After the death of her husband, Hilda Eliza became interested in women's rights and in 1907 she joined the increasingly radical Women's Social and Political Union (WSPU). Quickly her daughters Georgina and Marie also joined the WSPU and they transformed their studios in Holland Park into classrooms where they could train women in public speaking. In 1908, Georgina and Marie were sentenced to six weeks in prison after they joined a WSPU stunt at the House of Commons.

On 18 November 1910, Hilda Brackenbury joined Louisa Anderson, Emmeline Pankhurst, Alfred Caldecott, Hertha Ayrton, Mrs Elmy, Princess Sophia Duleep Singh, and 300 other women to petition Prime Minister Asquith for voting rights. The protest became known as Black Friday, due to the violence and sexual assault the protesters faced from the police and male bystanders.

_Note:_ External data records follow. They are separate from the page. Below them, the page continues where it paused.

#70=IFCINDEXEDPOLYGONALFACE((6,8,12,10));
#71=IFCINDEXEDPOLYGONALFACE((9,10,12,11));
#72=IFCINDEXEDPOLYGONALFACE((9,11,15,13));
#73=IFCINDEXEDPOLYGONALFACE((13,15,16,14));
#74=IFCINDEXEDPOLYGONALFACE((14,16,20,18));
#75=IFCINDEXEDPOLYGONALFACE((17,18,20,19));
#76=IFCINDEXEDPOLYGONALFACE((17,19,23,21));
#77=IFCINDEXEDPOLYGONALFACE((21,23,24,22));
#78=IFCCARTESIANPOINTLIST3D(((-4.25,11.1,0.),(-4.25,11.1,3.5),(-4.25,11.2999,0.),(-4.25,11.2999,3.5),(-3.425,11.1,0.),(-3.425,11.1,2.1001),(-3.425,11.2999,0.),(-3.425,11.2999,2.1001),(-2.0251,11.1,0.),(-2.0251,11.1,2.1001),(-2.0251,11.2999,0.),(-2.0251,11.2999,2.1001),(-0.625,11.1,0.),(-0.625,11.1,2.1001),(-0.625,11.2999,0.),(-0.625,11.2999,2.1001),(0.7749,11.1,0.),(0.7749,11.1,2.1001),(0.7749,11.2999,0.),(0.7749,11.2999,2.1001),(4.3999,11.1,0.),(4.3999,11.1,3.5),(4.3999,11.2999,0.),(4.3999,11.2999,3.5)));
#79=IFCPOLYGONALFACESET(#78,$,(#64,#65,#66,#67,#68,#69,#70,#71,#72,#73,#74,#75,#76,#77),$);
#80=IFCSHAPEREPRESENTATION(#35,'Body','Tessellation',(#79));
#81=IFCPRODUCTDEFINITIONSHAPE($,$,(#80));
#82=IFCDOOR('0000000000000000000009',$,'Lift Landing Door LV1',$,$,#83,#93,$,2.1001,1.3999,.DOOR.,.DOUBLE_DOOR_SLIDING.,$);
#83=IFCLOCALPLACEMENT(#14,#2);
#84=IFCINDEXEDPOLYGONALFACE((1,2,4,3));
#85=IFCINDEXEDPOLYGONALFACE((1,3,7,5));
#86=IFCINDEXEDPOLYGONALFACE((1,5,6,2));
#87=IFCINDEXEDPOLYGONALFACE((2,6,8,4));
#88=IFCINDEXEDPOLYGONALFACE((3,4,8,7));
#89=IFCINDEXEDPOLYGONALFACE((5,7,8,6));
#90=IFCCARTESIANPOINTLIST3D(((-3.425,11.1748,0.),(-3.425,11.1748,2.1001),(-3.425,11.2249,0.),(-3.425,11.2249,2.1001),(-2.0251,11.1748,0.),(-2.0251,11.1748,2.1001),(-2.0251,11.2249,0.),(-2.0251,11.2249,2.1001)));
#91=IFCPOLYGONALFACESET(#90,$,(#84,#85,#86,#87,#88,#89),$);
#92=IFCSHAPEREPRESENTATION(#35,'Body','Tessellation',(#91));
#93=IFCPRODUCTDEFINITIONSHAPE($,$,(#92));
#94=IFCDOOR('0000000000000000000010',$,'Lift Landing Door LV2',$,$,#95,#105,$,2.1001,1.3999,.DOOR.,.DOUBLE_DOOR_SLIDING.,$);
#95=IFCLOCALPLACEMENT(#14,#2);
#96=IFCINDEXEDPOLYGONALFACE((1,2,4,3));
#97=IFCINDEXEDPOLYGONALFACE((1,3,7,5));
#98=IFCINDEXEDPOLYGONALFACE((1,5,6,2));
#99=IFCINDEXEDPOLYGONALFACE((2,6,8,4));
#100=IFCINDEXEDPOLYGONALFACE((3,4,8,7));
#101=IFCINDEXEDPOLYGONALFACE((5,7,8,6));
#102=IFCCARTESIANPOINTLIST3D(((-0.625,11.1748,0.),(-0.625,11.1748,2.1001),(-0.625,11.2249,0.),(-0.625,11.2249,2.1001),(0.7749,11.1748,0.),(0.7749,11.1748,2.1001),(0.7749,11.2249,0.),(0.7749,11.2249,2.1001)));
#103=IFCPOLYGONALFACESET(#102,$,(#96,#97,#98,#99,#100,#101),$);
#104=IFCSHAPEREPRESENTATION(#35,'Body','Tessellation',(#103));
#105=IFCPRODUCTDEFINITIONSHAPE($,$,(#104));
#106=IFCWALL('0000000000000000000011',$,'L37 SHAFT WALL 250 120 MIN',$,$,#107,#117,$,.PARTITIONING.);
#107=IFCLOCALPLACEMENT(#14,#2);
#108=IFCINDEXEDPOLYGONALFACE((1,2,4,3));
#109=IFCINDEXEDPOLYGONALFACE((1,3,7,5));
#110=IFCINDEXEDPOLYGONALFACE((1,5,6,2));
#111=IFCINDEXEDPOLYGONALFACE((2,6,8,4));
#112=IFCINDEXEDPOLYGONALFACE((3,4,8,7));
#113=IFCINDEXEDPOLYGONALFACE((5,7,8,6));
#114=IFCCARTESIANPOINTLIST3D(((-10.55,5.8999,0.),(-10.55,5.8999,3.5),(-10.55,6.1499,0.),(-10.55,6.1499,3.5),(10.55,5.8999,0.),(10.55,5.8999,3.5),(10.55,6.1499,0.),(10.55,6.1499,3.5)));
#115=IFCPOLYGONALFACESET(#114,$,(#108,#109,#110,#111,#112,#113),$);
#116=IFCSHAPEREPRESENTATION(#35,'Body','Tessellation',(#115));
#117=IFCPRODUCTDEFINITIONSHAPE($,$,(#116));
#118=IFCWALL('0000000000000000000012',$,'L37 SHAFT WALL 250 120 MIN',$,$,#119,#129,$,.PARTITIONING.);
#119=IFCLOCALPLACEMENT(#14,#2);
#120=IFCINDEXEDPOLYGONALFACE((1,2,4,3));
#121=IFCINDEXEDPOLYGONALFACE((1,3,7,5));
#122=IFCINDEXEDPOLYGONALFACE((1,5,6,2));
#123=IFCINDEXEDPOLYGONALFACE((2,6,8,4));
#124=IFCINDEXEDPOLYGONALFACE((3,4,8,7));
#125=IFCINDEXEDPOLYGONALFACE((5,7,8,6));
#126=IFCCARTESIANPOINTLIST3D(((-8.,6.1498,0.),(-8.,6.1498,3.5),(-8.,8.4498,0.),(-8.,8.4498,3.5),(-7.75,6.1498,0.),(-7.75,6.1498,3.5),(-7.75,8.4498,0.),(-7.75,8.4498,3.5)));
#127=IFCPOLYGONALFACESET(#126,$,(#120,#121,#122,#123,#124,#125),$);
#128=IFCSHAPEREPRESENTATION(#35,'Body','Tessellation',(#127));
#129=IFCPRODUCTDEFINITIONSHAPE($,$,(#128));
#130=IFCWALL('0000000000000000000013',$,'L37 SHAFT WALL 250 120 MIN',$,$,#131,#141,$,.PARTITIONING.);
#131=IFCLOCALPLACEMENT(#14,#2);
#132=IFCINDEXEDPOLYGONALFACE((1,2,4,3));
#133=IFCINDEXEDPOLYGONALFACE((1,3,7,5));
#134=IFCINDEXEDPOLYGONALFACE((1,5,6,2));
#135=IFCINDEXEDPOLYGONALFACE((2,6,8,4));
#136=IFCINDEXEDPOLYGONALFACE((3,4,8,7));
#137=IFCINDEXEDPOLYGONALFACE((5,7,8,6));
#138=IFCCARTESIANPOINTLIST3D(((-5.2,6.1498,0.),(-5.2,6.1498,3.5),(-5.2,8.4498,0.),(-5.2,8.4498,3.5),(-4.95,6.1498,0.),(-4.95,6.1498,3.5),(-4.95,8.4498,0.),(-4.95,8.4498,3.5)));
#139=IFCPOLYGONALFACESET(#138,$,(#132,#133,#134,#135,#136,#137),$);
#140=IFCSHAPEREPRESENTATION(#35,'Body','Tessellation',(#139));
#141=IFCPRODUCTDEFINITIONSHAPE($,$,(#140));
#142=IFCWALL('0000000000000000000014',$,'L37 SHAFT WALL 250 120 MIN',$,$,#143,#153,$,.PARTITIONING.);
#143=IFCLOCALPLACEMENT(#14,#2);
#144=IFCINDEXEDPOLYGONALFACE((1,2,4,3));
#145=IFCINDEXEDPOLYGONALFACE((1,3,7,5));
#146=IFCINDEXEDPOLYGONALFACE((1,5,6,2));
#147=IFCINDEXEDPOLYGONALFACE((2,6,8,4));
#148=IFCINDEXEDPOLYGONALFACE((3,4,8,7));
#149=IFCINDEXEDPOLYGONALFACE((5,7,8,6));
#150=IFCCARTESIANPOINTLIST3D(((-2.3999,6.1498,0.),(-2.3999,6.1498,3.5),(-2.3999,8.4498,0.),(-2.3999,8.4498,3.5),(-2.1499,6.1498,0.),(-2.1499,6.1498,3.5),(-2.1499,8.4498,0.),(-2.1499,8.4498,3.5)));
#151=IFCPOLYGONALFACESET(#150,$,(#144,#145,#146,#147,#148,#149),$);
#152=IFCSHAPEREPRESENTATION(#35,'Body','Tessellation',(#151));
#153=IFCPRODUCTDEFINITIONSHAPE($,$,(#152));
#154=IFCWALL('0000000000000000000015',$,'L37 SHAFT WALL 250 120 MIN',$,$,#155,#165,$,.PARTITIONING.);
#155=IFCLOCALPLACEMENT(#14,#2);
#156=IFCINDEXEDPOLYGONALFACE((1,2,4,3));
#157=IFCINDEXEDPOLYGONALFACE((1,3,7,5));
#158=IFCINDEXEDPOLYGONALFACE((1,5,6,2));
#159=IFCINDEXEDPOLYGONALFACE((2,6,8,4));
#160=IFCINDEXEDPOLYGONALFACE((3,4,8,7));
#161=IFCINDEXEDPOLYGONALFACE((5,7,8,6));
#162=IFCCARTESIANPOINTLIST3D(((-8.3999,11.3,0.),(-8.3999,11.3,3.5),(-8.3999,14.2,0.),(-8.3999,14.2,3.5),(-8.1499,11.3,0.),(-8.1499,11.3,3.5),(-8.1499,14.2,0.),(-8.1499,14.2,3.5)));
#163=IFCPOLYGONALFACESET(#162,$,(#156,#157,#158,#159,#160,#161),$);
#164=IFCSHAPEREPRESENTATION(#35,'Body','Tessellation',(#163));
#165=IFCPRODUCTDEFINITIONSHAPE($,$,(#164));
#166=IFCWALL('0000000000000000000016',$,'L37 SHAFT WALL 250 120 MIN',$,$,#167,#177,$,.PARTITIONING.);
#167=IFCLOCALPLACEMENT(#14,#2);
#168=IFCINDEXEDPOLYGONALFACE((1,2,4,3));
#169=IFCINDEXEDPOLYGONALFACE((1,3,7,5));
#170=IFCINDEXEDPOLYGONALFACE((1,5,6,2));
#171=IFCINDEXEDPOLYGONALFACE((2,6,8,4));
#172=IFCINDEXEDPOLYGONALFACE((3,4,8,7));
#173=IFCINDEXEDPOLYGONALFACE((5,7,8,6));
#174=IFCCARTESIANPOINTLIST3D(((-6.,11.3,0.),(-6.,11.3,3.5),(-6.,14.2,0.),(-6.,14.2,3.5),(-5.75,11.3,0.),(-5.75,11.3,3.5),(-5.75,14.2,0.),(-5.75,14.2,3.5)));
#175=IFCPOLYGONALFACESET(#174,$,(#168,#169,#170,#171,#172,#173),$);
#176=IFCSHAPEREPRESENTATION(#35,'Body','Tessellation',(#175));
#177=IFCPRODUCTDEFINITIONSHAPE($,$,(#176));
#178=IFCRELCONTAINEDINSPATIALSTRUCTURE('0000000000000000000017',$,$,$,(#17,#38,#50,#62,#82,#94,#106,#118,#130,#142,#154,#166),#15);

Christabel Pankhurst decided that the WSPU needed to intensify its window-breaking campaign. On 1 March 1912, a group of suffragettes volunteered to take action in the West End of London. As The Daily Graphic reported the next day: "The West End of London last night was the scene of an unexampled outrage on the part of militant suffragists.... Bands of women paraded Regent Street, Piccadilly, the Strand, Oxford Street and Bond Street, smashing windows with stones and hammers." Hilda was arrested for breaking windows in the United Service Institution in Whitehall. Her two daughters were also arrested. She made the point that two of her sons had been killed in India on active service whilst she had little political rights. She served eight days on remand and fourteen days in jail despite being almost 80 years old. Hilda was asked to talk at the London Pavilion upon her release in April 1912.

In 1913 the government passed the Prisoners (Temporary Discharge for Ill Health) Act which gave the authorities the power to release hunger-striking suffragettes and then rearrest them when they had recovered. It was known as the "Cat and Mouse Act" because cats are known for playing with mice before they kill them. Hilda's home at 2 Campden Hill Square was used as a convalescent home for recovering hunger strikers and was nicknamed "Mouse Castle".

In June 1914 Hilda wrote a letter to The Times about women's suffrage titled 'The women have died, but that did not stop militancy'. She named women who had died for the cause and those 'partially dead in body though not in spirit.' She claimed that thousands other women were left and ready to demolish 'pictures, churches, houses ...' while 'policemen cannot be everywhere.', and when the men were ready to protect their property, they would 'Let the women die by all means, but to save our young men from such a terrible sacrifice let justice be done, and give women the vote!'.